По-серьёзному же, лет с восьми, я болел за московское «Торпедо». Сначала просто понравилось название - грозное и лёгкое одновременно. А потом и игра, в лучших своих образцах по-голландски изящная, не типичная для тяжеловатого советского футбола, исключая, может быть, ещё тбилисское «Динамо» времён Метревели (кстати, бывшего торпедовца) и Кипиани; если хотите - даже игра в игре: и стрельцовская хитрая пятка, и воронинские джентльменские финты и пасы, и моментальные пластические этюды Банникова и Кавазашвили. Сейчас, когда одна из лучших школ российского футбола практически перестала существовать, мне и самому с трудом верится, что когда-то, мальчишкой, я прыгал от восторга: «Го-ол!», «Го-ол!» под столбом репродуктора в пионерском лагере: «Торпедо» в пух и прах, «семь - один», разносило киевских динамовцев…

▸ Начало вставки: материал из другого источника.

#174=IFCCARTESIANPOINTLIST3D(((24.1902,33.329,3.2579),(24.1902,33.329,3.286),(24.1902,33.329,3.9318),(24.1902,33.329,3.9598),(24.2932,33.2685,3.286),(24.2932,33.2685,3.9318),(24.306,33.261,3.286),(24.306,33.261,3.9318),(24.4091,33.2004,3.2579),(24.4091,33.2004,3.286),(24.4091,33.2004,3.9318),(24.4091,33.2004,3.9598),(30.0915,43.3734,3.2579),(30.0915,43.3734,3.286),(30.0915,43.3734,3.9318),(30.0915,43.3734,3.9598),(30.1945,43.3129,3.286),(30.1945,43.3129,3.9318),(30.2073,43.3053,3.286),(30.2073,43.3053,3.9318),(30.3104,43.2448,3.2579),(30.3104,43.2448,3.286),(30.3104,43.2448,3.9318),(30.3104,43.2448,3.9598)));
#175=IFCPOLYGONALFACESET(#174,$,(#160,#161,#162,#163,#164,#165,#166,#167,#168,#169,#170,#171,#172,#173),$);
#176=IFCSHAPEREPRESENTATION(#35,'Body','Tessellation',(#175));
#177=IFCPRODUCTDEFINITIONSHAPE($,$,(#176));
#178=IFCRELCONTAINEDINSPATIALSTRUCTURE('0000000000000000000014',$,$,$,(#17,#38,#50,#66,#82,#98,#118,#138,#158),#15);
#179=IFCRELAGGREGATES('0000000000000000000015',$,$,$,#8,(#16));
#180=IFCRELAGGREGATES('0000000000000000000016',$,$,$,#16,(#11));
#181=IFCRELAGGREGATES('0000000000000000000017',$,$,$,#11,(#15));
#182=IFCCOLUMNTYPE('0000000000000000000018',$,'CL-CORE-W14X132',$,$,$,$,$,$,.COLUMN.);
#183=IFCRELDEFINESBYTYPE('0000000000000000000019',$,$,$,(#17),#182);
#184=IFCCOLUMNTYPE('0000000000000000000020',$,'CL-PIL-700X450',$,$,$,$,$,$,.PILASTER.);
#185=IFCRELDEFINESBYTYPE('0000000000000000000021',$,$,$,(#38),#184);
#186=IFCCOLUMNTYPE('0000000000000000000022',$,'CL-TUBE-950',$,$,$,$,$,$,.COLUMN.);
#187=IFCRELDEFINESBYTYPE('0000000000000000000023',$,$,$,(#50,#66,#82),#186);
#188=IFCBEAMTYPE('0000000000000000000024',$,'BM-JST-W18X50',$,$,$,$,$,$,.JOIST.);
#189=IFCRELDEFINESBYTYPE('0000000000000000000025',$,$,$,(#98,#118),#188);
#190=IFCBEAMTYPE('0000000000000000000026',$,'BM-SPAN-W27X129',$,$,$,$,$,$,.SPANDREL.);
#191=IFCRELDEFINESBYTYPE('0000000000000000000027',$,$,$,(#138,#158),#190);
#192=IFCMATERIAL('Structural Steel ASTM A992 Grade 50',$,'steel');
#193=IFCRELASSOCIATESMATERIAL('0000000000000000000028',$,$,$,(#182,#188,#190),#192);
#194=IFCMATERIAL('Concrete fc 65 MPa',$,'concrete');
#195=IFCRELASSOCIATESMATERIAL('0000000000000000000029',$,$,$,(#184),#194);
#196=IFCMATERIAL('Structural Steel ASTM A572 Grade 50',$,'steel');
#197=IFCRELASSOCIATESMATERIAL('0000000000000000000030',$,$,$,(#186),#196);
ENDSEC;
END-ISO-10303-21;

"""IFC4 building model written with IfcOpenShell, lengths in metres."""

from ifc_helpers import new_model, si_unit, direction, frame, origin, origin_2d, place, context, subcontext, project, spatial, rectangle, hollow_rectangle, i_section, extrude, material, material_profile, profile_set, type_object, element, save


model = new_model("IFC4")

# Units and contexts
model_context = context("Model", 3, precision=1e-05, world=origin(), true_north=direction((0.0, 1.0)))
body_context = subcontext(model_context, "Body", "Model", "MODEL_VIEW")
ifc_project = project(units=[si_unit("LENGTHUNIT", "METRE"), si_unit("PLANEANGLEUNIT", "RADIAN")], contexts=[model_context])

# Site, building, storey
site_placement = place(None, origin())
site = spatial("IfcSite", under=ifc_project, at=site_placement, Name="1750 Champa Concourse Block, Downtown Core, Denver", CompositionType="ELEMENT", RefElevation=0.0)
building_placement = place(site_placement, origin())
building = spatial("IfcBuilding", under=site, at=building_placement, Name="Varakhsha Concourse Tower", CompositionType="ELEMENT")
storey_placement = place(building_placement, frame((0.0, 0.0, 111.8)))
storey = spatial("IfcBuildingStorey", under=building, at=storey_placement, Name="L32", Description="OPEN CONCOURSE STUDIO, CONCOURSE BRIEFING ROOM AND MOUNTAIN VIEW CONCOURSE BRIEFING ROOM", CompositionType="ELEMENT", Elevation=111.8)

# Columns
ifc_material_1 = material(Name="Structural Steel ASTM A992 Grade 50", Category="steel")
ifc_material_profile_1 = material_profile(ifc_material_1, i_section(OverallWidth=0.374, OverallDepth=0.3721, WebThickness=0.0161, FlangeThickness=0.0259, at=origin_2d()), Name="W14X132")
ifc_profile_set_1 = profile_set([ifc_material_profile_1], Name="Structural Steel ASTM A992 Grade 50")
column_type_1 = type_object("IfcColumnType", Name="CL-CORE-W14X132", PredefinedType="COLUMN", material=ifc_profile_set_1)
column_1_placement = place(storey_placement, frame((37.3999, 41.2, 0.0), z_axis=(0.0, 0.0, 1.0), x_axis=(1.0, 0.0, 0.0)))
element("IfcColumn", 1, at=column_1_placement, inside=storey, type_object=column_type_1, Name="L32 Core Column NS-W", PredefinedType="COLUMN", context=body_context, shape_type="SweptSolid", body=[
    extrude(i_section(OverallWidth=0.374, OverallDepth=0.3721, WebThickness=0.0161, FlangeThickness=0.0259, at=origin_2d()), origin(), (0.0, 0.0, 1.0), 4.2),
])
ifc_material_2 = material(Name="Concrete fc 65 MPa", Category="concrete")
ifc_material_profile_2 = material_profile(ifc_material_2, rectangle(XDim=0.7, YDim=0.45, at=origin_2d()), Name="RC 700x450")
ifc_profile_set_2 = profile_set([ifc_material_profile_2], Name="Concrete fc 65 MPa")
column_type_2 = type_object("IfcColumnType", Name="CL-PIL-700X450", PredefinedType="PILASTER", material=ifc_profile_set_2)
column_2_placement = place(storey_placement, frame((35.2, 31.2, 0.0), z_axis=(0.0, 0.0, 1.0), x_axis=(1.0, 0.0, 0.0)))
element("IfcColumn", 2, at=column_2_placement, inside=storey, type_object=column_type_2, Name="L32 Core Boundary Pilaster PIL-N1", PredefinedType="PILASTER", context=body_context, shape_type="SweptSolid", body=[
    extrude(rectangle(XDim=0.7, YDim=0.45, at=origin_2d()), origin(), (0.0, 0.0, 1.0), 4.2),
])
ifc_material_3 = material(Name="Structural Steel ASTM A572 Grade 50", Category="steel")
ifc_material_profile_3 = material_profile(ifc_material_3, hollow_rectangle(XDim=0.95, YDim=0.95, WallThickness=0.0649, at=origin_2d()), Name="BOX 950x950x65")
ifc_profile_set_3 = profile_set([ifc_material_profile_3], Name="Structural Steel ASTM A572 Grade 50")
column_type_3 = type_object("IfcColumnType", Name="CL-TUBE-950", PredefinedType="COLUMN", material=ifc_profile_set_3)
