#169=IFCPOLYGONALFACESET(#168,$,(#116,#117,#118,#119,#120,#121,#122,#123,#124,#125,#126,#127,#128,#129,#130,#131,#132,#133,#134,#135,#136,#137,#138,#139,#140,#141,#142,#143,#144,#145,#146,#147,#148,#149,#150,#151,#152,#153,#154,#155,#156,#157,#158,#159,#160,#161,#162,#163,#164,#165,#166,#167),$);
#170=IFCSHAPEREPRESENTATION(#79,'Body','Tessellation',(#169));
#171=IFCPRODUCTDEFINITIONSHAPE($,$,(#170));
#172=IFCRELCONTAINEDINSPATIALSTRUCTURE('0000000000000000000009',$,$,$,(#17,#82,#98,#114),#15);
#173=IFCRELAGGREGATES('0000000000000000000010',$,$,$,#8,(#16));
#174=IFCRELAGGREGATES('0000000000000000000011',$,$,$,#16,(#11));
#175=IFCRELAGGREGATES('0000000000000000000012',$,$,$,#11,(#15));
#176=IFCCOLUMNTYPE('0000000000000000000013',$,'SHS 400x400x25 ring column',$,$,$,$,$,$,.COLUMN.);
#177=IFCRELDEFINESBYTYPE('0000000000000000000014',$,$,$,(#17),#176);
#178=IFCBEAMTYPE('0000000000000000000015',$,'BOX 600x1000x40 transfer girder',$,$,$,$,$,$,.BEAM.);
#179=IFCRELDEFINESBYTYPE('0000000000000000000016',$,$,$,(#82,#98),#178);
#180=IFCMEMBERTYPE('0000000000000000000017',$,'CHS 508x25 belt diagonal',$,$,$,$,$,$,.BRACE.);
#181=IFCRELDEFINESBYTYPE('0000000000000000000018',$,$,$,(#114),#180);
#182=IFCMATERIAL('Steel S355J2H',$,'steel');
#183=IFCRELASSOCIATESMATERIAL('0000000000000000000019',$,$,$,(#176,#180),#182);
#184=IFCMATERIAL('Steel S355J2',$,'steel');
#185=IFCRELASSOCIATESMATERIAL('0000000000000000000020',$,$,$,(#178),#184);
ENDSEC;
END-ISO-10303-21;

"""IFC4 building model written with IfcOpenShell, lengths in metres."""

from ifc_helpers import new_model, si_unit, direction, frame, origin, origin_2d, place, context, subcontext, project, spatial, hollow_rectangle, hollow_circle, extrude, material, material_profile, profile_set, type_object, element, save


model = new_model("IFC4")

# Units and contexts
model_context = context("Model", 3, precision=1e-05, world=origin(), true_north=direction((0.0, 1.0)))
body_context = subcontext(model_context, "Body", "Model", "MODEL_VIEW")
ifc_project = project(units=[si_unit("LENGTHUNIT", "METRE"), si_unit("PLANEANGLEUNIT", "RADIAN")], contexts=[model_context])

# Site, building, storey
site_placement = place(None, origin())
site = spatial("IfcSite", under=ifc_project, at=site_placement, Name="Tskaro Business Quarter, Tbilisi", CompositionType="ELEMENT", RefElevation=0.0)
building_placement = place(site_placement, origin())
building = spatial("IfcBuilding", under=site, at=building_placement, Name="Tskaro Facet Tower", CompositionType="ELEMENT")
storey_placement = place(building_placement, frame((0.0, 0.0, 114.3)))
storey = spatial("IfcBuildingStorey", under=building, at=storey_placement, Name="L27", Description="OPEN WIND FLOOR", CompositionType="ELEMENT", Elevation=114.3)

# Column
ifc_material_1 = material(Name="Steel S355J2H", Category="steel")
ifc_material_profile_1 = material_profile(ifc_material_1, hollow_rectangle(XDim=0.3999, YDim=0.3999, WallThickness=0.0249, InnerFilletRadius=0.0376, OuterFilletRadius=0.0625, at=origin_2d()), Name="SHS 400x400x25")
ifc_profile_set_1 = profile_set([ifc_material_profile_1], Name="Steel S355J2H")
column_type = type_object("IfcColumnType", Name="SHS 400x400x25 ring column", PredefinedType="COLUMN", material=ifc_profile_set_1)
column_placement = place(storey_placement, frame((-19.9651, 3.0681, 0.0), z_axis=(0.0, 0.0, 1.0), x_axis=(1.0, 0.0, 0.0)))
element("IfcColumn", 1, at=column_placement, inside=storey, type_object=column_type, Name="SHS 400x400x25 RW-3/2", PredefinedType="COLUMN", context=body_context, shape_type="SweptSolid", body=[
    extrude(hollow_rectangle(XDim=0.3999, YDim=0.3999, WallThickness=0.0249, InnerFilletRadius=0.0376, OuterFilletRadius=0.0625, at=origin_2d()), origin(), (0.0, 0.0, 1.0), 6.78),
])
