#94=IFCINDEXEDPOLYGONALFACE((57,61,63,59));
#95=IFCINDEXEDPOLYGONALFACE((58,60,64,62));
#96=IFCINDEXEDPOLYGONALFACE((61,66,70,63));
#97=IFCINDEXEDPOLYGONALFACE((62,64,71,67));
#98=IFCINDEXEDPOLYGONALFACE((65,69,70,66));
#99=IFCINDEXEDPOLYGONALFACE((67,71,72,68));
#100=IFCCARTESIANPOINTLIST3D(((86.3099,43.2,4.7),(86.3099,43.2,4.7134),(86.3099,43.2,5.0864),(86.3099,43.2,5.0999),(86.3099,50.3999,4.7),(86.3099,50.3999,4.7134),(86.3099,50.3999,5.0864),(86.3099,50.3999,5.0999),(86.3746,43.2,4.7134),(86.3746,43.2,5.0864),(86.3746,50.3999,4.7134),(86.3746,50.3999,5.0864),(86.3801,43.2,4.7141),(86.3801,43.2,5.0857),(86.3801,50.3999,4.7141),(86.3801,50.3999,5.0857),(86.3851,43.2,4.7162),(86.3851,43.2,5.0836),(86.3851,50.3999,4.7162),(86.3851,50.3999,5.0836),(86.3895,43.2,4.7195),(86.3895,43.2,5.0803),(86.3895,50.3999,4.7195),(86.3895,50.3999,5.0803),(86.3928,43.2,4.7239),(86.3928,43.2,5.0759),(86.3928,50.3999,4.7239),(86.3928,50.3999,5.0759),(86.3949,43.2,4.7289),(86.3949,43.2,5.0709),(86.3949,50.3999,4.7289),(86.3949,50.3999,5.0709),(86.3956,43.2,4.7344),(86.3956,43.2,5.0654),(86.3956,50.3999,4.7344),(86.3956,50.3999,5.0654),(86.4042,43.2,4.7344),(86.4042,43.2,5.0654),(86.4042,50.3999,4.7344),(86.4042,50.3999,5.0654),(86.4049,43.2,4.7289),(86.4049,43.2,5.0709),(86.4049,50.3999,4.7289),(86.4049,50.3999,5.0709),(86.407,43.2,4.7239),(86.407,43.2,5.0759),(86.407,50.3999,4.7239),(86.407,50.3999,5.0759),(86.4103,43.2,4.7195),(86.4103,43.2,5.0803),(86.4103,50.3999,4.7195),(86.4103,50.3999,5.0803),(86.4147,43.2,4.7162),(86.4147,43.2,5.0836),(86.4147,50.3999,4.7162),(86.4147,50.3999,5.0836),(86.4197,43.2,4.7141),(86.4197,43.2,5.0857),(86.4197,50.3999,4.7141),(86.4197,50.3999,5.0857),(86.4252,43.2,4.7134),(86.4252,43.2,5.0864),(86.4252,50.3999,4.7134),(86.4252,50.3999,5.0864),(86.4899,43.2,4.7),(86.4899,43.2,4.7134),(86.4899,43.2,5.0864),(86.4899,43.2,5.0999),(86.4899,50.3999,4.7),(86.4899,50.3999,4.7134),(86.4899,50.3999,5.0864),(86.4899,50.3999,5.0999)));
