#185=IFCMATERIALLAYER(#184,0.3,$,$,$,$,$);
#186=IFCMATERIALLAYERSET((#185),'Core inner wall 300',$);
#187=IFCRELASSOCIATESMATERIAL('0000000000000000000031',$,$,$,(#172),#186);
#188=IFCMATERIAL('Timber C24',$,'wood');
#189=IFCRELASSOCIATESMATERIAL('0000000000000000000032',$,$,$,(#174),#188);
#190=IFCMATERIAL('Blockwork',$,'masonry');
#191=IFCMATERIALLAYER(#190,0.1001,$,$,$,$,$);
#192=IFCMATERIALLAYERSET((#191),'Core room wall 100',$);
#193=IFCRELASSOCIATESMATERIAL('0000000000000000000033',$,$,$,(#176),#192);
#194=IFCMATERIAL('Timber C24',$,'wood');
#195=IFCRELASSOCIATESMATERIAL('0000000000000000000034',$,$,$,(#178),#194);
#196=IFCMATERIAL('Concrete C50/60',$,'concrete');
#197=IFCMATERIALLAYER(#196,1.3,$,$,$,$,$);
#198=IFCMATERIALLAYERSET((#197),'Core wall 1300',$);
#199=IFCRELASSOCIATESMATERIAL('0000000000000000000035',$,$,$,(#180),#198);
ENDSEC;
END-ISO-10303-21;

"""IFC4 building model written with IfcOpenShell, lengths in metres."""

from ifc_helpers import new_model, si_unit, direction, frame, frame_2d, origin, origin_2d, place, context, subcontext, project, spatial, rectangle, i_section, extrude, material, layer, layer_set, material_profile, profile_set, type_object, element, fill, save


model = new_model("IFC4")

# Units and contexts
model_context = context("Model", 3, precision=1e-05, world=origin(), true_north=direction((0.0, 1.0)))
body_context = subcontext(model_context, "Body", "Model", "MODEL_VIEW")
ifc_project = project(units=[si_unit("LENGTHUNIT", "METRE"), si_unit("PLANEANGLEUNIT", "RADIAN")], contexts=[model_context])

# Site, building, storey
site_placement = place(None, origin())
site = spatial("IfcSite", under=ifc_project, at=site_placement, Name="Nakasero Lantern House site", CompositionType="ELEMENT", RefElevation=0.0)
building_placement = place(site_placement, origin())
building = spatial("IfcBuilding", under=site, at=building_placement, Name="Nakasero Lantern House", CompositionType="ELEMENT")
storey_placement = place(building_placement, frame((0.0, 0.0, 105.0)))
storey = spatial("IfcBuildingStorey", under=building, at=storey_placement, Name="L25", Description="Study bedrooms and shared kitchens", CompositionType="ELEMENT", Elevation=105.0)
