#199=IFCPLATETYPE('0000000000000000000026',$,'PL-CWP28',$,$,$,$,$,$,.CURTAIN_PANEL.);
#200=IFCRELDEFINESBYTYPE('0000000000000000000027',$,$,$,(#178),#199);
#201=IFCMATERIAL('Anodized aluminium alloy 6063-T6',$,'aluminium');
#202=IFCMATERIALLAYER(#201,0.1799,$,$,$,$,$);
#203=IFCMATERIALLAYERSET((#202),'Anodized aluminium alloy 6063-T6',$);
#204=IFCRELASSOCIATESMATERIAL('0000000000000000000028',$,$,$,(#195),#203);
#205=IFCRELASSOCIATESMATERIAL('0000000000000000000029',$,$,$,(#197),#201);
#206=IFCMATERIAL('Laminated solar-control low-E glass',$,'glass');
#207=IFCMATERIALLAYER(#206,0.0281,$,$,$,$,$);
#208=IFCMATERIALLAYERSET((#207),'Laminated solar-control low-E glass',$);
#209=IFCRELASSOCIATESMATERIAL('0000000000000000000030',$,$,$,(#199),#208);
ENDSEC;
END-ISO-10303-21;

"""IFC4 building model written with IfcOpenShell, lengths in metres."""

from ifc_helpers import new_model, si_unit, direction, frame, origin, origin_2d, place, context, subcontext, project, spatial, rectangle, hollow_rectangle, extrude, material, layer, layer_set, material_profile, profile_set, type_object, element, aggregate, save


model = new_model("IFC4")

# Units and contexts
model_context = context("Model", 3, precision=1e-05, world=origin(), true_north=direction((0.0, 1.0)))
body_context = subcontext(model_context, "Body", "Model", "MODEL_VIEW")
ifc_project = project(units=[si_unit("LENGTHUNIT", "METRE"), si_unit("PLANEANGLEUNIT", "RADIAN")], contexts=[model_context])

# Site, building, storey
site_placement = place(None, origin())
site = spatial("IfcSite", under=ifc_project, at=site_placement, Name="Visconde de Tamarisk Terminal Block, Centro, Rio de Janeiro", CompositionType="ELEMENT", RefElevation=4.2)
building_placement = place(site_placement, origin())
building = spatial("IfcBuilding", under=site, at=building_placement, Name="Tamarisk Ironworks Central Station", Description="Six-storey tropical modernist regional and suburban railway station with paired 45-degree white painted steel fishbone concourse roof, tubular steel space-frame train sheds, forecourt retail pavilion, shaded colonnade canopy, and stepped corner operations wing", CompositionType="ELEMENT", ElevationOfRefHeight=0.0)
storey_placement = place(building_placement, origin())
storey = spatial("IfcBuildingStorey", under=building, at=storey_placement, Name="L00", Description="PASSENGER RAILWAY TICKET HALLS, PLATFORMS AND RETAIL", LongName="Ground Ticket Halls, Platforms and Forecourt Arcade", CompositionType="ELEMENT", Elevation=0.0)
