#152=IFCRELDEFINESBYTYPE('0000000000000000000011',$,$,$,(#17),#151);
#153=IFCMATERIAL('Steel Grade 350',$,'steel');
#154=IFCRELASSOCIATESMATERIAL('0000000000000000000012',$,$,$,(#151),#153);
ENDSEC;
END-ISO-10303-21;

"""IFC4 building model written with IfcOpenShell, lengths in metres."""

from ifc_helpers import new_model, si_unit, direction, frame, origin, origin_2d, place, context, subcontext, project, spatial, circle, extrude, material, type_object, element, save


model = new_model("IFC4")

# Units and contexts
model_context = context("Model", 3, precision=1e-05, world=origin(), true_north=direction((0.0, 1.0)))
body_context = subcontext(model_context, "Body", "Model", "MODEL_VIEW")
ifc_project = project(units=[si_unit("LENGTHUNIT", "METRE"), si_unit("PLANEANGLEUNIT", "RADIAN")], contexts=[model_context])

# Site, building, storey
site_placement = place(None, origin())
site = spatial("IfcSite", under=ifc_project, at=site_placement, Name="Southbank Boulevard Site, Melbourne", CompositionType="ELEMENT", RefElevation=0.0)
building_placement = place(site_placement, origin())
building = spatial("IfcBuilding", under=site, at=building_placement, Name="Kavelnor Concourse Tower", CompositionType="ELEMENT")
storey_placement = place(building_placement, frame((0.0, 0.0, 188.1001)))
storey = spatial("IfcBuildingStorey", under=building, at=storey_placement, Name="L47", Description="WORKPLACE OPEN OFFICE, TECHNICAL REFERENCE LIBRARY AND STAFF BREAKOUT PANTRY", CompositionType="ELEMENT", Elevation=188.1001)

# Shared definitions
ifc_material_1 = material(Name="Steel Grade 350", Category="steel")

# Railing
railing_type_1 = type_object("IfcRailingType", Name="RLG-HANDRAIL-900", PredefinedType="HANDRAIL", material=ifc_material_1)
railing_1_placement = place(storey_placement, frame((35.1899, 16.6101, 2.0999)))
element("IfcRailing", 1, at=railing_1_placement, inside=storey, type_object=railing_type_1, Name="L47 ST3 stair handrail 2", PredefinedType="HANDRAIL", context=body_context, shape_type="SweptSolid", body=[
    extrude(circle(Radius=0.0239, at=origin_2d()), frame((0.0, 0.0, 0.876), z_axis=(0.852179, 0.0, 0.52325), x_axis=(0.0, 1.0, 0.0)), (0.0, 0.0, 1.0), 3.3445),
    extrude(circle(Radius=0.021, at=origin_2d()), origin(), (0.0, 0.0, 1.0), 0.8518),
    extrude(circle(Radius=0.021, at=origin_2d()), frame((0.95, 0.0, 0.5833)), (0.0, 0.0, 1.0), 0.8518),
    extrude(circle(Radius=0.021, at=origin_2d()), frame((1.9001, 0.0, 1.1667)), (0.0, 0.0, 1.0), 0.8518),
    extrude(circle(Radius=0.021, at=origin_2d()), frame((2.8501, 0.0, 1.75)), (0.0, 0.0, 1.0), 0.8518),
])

Из этого самого лагеря и, кажется, как раз в эту смену я однажды удрал.
Что творится в голове у двенадцатилетнего мальчишки - понять не так-то просто. Мне вдруг захотелось - ненадолго, я собирался тут же вернуться - домой, на Островского. И я, никого не предупредив, пошёл. Да ещё прихватил с собой кого-то из лагерных приятелей. Наше отсутствие быстро обнаружили, в лагере поднялся переполох; вернувшись, я уже застал возле отрядного корпуса вызванного вожатыми со службы отца.
Средний школьный возраст - период, когда умение шевелить ушами ценится выше, чем извилинами.
Футбол, между прочим, у нас был ещё и настольный. Не тот, фабричного изготовления, где на длинных стержнях, за которые надо дёргать, бегали туда-сюда по узким прорезям на поле фигурки металлических игроков. Для нашего футбола не требовалось ничего кроме стола. Мячом был маленький бумажный квадратик. Квадратик перегибался по диагоналям, а затем из него одним движением делалось что-то вроде вытянутой за среднюю точку кверху четырёхконечной звёздочки. Воротами служило пространство между поставленными на край плоскости пальцами - большим и средним. На указательный возлагались функции голкипера. Звёздочка-мяч лежала на столе, играющие по очереди хлопали рядом с ней плотно сложенной ладонью - и воздушная струя отправляла лёгкий снаряд в путь.
А ещё был пинг-понг - когда мы после четвёртого класса переехали с Краснослободской на Октябрьскую и я перешёл в школу номер двенадцать. Играли мальчишки как, чем и на чём попало. Ни шариков, ни сеток, а порой и ракеток - впрочем, эти последние несложно было выпилить лобзиком из фанеры - у нас не было. Вместо сеток мы ставили поперек любого стола один за другим «домиками» учебники; теннисные же мячики с риском для родительского кошелька вырезали из пористой резины автобусных сидений. Милиция с вандалами боролась, но без особого успеха. Прыгали мячики плохо и произносили при этом не «пинг-понг!», а скорее «плим-плям!», «шлюп-шляп!» или «птуч-птач!». Впрочем, нам практически не с чем было сравнивать.
Однажды маме пришло письмо из Соединённых Штатов. Мамина сводная сестра, ещё девчонкой, в двадцатые, уехавшая из Одессы к своей матери-американке, с войны разыскивала по всему Советскому Союзу единственную оставшуюся в живых родственницу. Остальная семья - моя бабушка, которой было чуть за сорок, и младшая мамина сестра, шестнадцатилетняя Сара, - погибла от тифа в 1942-м в госпитале на каком-то южном полустанке (по некоторым сведениям, на станции Славянской) во время эвакуации.
Это был период потепления международного климата, и в пятом классе бугульминской школы номер двенадцать организовалось маленькое общество советско-американской дружбы. Письма «туда» и «оттуда» мы обсуждали на классном часе. А вот на почтовые платежи потепление не распространялось. Найдя нас, тётушка прислала для племянника посылку: крокет и настольный теннис. Но советская пошлина за две детские игры составила несколько родительских зарплат; семья не могла выложить таких денег, и мои ракетки, сетка и шарики с примкнувшим к ним крокетом растворились в пространстве.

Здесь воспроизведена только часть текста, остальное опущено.